- Born: Kenneth Eugene Goodson August 1, 1967 Lafayette, Indiana
- Occupation: Professor
- Spouse: Laura Dahl

Academic background
- Alma mater: Massachusetts Institute of Technology (BS, BS, MS, PhD)
- Thesis: Thermal conduction in microelectronic circuits (1993)

Academic work
- Discipline: Engineering
- Sub-discipline: Heat transfer; Electronics cooling; Energy conversion;
- Institutions: School of Engineering, Stanford University
- Doctoral students: Amy Marconnet, Eric Pop

= Kenneth E. Goodson =

American engineer and academic (born 1967)

Kenneth Eugene Goodson (born August 1, 1967) is an American mechanical engineer and academic at Stanford University. He serves as Davies Family Provostial Professor within the university, as well as Senior Associate Dean for Faculty and Academic Affairs within its School of Engineering.

== Early life ==
According to Who's Who in the World, Goodson was born in Lafayette, Indiana on August 1, 1967.

== Education ==
Goodson has received four academic degrees from the Massachusetts Institute of Technology (MIT): two Bachelors of Science in 1989 (one in mechanical engineering and another in music), a Master of Science in 1991 (in mechanical engineering), and a Doctor of Philosophy in 1993 (also in mechanical engineering).

== Career ==
From 1993 to 1994, he worked for Daimler-Benz AG in Germany as a visiting materials scientist. He has been employed at Stanford since 1994 as a professor in the mechanical engineering department. By courtesy, he also holds a professorship in the materials science & engineering department. (Note: Both departments fall under the Stanford University School of Engineering.) Starting in 2008, he was the vice chair of mechanical engineering, and from 2013 to 2019, he held the Robert Bosch Chairman position in the department. Additionally, since 2014, he has held the Davies Family Professorship.

He is the principal investigator of the Stanford NanoHeat Lab, and is also an affiliated faculty member of Stanford Bio-X.

Goodson is a fellow of the American Association for the Advancement of Science, American Society of Mechanical Engineers, Institute of Electrical and Electronics Engineers, American Physical Society, and National Academy of Inventors.

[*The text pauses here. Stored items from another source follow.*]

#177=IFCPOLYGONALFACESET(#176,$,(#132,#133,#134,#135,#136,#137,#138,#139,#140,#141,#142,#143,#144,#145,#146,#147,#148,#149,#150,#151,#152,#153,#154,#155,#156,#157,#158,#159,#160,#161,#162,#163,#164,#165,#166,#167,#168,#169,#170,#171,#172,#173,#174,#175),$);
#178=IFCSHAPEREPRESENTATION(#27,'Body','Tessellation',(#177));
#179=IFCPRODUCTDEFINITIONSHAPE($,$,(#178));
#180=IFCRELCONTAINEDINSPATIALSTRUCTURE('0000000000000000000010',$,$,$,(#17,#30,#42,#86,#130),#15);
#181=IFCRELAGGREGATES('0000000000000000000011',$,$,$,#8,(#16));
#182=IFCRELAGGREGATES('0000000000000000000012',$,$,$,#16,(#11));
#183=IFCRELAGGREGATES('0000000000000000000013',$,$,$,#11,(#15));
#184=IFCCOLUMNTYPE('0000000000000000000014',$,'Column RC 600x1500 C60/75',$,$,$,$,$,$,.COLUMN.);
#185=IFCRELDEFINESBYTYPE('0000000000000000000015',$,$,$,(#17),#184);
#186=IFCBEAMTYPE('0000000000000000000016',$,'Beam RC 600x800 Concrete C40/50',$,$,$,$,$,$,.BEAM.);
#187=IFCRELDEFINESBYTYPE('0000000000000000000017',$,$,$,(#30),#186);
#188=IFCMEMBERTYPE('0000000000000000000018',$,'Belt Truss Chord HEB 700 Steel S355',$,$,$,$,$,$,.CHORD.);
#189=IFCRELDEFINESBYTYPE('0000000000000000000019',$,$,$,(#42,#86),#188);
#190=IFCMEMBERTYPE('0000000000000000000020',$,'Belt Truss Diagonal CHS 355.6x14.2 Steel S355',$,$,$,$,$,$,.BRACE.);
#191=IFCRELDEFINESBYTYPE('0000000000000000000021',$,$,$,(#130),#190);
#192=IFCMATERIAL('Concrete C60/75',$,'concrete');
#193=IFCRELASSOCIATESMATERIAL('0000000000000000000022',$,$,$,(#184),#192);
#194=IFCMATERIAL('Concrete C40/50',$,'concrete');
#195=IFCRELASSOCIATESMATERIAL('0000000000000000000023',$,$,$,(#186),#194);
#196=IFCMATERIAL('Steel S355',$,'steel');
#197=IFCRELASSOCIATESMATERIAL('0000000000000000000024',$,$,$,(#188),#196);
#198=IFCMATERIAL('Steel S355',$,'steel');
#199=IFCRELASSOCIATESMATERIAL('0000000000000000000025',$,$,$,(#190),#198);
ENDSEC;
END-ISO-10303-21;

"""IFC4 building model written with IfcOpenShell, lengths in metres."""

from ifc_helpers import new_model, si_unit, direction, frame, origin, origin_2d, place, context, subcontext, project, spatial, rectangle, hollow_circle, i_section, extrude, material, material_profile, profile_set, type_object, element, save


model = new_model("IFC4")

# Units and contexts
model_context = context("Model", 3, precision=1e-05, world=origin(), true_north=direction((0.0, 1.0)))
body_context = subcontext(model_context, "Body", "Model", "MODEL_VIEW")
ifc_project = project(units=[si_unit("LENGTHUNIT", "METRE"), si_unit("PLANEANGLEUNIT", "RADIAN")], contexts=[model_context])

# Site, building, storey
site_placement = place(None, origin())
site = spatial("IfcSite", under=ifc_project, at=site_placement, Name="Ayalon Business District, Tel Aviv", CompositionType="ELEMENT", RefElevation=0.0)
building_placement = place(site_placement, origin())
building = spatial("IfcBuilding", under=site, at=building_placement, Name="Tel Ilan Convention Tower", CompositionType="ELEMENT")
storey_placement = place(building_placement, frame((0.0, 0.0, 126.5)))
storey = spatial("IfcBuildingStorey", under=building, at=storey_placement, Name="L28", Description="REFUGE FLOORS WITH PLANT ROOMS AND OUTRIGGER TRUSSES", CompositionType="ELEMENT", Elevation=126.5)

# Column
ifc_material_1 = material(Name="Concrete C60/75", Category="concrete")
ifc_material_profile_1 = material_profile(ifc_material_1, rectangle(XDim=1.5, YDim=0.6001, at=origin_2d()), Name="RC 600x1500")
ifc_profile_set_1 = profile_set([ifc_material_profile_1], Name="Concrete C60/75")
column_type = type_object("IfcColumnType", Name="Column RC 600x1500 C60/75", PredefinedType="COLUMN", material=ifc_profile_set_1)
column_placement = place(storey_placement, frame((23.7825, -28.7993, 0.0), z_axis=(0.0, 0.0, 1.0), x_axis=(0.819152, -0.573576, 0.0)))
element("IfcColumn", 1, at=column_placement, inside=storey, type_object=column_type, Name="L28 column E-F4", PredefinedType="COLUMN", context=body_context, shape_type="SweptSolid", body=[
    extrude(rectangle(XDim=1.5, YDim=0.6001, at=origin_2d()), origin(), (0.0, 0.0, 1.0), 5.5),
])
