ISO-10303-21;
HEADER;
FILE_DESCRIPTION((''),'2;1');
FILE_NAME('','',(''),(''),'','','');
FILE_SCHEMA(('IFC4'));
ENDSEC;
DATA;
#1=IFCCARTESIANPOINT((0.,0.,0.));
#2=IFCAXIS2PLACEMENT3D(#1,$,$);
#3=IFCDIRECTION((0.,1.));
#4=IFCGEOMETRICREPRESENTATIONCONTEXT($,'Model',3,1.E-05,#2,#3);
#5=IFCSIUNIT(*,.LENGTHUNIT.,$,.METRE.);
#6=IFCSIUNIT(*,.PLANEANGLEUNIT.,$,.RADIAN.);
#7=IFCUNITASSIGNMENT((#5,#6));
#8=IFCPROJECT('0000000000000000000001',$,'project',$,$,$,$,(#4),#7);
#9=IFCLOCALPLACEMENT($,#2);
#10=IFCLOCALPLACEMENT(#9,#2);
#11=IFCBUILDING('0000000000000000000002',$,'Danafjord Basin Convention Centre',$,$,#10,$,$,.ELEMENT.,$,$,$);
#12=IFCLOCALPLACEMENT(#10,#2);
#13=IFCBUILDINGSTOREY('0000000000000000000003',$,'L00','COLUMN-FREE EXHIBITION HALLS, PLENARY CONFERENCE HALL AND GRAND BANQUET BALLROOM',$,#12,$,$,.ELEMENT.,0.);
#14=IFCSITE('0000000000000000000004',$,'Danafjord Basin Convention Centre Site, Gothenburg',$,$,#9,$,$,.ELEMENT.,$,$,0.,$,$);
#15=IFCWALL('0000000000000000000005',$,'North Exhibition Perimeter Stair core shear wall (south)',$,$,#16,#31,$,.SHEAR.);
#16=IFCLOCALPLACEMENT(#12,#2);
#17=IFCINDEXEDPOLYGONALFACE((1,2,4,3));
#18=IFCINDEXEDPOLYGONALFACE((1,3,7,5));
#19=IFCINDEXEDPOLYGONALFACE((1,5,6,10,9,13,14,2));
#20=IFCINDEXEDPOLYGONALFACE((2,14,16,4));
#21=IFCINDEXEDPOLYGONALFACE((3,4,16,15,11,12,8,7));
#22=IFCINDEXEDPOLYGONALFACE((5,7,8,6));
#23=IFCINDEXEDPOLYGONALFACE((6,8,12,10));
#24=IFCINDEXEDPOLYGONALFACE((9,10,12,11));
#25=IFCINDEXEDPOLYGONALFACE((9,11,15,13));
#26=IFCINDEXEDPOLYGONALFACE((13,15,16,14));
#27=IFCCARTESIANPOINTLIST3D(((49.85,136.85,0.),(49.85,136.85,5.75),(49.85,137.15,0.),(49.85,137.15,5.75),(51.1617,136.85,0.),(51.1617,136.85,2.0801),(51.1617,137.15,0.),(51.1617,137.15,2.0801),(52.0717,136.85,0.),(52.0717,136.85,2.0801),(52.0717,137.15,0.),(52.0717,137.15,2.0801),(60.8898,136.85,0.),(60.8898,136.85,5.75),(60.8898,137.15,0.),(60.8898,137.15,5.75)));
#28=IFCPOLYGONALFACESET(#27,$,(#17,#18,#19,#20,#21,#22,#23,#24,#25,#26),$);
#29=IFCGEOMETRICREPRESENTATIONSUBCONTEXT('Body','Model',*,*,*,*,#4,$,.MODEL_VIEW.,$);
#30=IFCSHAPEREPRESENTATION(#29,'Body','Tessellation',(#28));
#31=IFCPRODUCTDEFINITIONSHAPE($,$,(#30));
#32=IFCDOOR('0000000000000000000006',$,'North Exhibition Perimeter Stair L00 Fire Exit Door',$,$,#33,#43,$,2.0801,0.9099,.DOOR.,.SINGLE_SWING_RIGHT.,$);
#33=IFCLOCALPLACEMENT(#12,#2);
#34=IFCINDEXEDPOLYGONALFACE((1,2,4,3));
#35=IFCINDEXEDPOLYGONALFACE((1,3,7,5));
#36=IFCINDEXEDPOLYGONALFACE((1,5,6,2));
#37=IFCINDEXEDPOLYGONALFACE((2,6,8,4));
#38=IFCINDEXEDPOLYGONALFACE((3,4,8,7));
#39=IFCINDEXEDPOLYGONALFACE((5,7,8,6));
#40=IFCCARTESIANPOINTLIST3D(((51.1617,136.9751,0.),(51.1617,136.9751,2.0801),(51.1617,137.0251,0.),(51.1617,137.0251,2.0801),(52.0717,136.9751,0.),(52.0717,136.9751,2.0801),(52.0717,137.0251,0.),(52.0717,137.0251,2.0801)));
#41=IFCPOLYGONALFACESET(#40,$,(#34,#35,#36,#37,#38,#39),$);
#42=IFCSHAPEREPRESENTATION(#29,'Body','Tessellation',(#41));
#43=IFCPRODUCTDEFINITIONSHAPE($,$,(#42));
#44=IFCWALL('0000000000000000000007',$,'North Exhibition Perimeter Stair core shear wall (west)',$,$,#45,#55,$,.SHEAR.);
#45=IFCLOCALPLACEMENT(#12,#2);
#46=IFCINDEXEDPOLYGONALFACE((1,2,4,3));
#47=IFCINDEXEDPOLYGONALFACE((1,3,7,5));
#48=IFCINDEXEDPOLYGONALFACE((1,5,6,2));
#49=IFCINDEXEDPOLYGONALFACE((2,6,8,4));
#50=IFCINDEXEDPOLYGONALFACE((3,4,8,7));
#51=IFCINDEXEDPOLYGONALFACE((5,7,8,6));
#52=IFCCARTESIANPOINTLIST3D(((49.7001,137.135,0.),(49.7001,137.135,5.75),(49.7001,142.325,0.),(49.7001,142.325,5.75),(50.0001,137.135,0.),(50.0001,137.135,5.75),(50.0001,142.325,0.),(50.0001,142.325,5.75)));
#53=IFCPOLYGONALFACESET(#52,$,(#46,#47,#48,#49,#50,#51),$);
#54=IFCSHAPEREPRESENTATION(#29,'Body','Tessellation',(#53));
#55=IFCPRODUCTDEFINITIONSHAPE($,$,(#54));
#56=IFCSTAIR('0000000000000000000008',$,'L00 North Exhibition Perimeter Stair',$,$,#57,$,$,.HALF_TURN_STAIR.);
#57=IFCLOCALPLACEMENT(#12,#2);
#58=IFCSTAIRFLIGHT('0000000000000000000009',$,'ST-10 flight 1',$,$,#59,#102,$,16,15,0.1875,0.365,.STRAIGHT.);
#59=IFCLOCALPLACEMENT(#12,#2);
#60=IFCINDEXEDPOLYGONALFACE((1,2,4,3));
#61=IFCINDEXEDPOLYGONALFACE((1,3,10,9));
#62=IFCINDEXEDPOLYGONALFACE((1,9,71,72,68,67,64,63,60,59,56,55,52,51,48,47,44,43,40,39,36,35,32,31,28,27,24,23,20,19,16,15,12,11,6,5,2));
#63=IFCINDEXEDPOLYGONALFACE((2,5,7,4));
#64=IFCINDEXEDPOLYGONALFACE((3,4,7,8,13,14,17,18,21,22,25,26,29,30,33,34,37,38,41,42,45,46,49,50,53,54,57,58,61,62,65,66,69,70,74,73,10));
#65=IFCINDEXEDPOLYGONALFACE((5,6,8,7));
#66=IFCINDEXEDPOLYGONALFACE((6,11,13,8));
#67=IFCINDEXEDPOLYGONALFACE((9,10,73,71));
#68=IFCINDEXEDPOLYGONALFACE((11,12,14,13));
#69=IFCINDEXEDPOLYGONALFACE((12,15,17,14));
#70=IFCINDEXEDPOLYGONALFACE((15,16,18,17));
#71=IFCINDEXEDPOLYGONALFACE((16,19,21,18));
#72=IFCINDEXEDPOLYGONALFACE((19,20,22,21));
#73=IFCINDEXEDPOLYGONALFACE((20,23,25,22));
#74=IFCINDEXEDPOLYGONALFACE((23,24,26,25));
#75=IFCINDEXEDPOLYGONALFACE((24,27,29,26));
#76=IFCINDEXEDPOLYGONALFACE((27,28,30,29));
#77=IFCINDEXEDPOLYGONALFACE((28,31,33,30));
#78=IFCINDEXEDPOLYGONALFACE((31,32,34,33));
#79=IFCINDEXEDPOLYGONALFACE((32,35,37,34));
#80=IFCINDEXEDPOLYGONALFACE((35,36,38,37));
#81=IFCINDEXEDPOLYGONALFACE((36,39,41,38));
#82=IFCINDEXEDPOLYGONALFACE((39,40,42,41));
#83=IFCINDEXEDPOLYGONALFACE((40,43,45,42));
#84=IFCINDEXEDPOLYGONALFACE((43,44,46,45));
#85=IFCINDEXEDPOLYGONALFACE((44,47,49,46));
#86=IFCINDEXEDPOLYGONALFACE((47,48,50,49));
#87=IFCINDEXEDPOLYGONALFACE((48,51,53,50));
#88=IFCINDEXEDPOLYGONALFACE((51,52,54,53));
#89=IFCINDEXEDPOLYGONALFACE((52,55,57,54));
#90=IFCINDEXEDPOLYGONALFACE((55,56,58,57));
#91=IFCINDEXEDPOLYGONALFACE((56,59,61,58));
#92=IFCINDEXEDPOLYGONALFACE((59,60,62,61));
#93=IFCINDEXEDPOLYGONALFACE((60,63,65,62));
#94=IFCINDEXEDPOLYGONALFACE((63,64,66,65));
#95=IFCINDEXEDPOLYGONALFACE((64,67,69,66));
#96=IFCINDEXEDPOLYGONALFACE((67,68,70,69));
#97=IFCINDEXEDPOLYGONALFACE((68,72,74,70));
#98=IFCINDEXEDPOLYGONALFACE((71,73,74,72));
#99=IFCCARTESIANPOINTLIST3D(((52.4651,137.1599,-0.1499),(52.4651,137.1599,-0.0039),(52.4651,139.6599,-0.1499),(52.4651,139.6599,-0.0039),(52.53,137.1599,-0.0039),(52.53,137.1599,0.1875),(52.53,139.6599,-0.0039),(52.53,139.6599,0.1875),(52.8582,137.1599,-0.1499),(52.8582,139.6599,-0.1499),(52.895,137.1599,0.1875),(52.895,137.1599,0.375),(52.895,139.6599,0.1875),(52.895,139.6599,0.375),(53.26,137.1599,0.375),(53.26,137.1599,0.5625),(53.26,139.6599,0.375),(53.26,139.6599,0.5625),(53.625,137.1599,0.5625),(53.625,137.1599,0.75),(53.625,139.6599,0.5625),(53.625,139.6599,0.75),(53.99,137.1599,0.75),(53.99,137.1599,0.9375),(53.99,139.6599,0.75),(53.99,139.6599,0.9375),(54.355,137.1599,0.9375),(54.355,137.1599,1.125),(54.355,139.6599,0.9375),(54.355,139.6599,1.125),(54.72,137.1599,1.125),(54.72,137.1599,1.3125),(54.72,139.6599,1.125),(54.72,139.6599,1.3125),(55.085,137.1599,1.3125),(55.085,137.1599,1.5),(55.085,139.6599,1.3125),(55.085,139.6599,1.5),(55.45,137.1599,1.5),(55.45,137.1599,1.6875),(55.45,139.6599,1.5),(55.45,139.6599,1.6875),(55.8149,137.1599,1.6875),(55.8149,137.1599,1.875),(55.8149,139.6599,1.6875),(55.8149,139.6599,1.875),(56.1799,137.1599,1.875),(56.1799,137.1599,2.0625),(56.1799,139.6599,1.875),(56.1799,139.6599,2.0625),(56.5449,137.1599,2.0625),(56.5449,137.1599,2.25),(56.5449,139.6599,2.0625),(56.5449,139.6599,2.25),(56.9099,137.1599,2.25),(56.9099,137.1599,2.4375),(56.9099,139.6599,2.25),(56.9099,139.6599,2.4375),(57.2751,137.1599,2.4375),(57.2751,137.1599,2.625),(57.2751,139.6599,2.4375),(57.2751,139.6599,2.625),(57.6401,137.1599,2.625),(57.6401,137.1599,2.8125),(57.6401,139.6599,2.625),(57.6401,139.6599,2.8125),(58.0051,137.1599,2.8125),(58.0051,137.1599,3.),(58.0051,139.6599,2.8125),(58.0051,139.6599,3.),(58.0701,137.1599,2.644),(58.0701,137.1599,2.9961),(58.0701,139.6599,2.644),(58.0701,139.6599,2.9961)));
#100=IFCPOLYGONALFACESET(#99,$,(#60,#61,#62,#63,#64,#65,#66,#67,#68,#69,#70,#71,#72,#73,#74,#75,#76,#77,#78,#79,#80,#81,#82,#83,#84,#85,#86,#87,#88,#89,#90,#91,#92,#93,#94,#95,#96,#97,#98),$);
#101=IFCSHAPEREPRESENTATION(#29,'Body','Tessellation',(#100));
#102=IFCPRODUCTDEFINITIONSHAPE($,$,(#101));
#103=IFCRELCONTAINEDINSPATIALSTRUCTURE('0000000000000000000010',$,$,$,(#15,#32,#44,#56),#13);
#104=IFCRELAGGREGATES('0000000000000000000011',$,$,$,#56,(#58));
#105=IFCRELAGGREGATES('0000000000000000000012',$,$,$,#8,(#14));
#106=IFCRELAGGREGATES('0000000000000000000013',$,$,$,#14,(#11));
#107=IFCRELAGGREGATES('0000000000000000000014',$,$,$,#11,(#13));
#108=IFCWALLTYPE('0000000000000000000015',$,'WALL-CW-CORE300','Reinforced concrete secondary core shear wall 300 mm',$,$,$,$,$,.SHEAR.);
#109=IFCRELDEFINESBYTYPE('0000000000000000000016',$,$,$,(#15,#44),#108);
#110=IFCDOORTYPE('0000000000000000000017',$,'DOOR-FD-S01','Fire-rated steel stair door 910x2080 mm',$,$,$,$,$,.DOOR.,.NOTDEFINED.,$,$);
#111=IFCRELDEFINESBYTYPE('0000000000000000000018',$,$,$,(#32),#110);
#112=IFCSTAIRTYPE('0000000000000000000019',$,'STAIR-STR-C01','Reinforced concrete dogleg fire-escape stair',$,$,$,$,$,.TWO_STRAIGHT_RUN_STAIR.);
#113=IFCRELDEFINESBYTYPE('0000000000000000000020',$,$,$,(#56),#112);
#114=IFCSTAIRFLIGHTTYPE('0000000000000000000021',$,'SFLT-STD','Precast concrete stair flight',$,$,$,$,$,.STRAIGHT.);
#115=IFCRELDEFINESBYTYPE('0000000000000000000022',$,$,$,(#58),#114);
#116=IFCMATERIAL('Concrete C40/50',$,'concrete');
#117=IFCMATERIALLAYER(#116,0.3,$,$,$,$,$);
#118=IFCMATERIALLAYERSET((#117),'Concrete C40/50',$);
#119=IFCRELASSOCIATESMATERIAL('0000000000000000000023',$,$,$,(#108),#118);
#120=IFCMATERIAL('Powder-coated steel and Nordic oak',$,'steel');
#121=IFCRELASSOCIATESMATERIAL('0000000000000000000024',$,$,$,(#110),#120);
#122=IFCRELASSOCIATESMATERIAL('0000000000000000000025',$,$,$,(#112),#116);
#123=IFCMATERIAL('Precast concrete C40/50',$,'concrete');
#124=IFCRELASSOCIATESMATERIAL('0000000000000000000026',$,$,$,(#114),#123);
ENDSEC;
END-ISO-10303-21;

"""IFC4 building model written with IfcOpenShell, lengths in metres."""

from ifc_helpers import new_model, si_unit, direction, frame, frame_2d, origin, place, context, subcontext, project, spatial, polyline, rectangle, outline, extrude, material, layer, layer_set, type_object, element, fill, aggregate, save


model = new_model("IFC4")

# Units and contexts
model_context = context("Model", 3, precision=1e-05, world=origin(), true_north=direction((0.0, 1.0)))
body_context = subcontext(model_context, "Body", "Model", "MODEL_VIEW")
ifc_project = project(units=[si_unit("LENGTHUNIT", "METRE"), si_unit("PLANEANGLEUNIT", "RADIAN")], contexts=[model_context])

# Site, building, storey
site_placement = place(None, origin())
site = spatial("IfcSite", under=ifc_project, at=site_placement, Name="Danafjord Basin Convention Centre Site, Gothenburg", CompositionType="ELEMENT", RefElevation=0.0)
building_placement = place(site_placement, origin())
building = spatial("IfcBuilding", under=site, at=building_placement, Name="Danafjord Basin Convention Centre", CompositionType="ELEMENT")
storey_placement = place(building_placement, origin())
storey = spatial("IfcBuildingStorey", under=building, at=storey_placement, Name="L00", Description="COLUMN-FREE EXHIBITION HALLS, PLENARY CONFERENCE HALL AND GRAND BANQUET BALLROOM", CompositionType="ELEMENT", Elevation=0.0)

# Wall, opening, door
ifc_material_1 = material(Name="Concrete C40/50", Category="concrete")
ifc_layer = layer(ifc_material_1, 0.3)
ifc_layer_set = layer_set([ifc_layer], Name="Concrete C40/50")
wall_type = type_object("IfcWallType", Name="WALL-CW-CORE300", Description="Reinforced concrete secondary core shear wall 300 mm", PredefinedType="SHEAR", material=ifc_layer_set)
wall_1_placement = place(storey_placement, frame((60.8899, 137.0, 0.0), z_axis=(0.0, 0.0, 1.0), x_axis=(-1.0, 0.0, 0.0)))
wall_1 = element("IfcWall", 1, at=wall_1_placement, inside=storey, type_object=wall_type, Name="North Exhibition Perimeter Stair core shear wall (south)", PredefinedType="SHEAR", context=body_context, shape_type="SweptSolid", body=[
    extrude(rectangle(XDim=11.0398, YDim=0.3, at=frame_2d((5.52, 0.0))), origin(), (0.0, 0.0, 1.0), 5.75),
])
opening_placement = place(wall_1_placement, frame((8.8181, 0.0, 0.0)))
opening = element("IfcOpeningElement", 2, at=opening_placement, cuts=wall_1, PredefinedType="OPENING", context=body_context, shape_type="SweptSolid", body=[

He is also an elected member of the National Academy of Engineering (class of 2020).

=== Recognition ===
Goodson appears in the 35th through 38th editions of American Men and Women of Science. (Note: .)

== Personal life ==
Goodson moonlights as a baritone soloist in oratorio, and has held voice fellowships from the Tanglewood Music Festival and a Sudler Prize for Arts Achievement (conferred by MIT in 1989). He also posts about woodworking and cycling to his Instagram and Strava accounts, respectively. His wife, Laura Dahl, is a pianist who plays with the Stanford music faculty.

Goodson has also been noted as a cellist.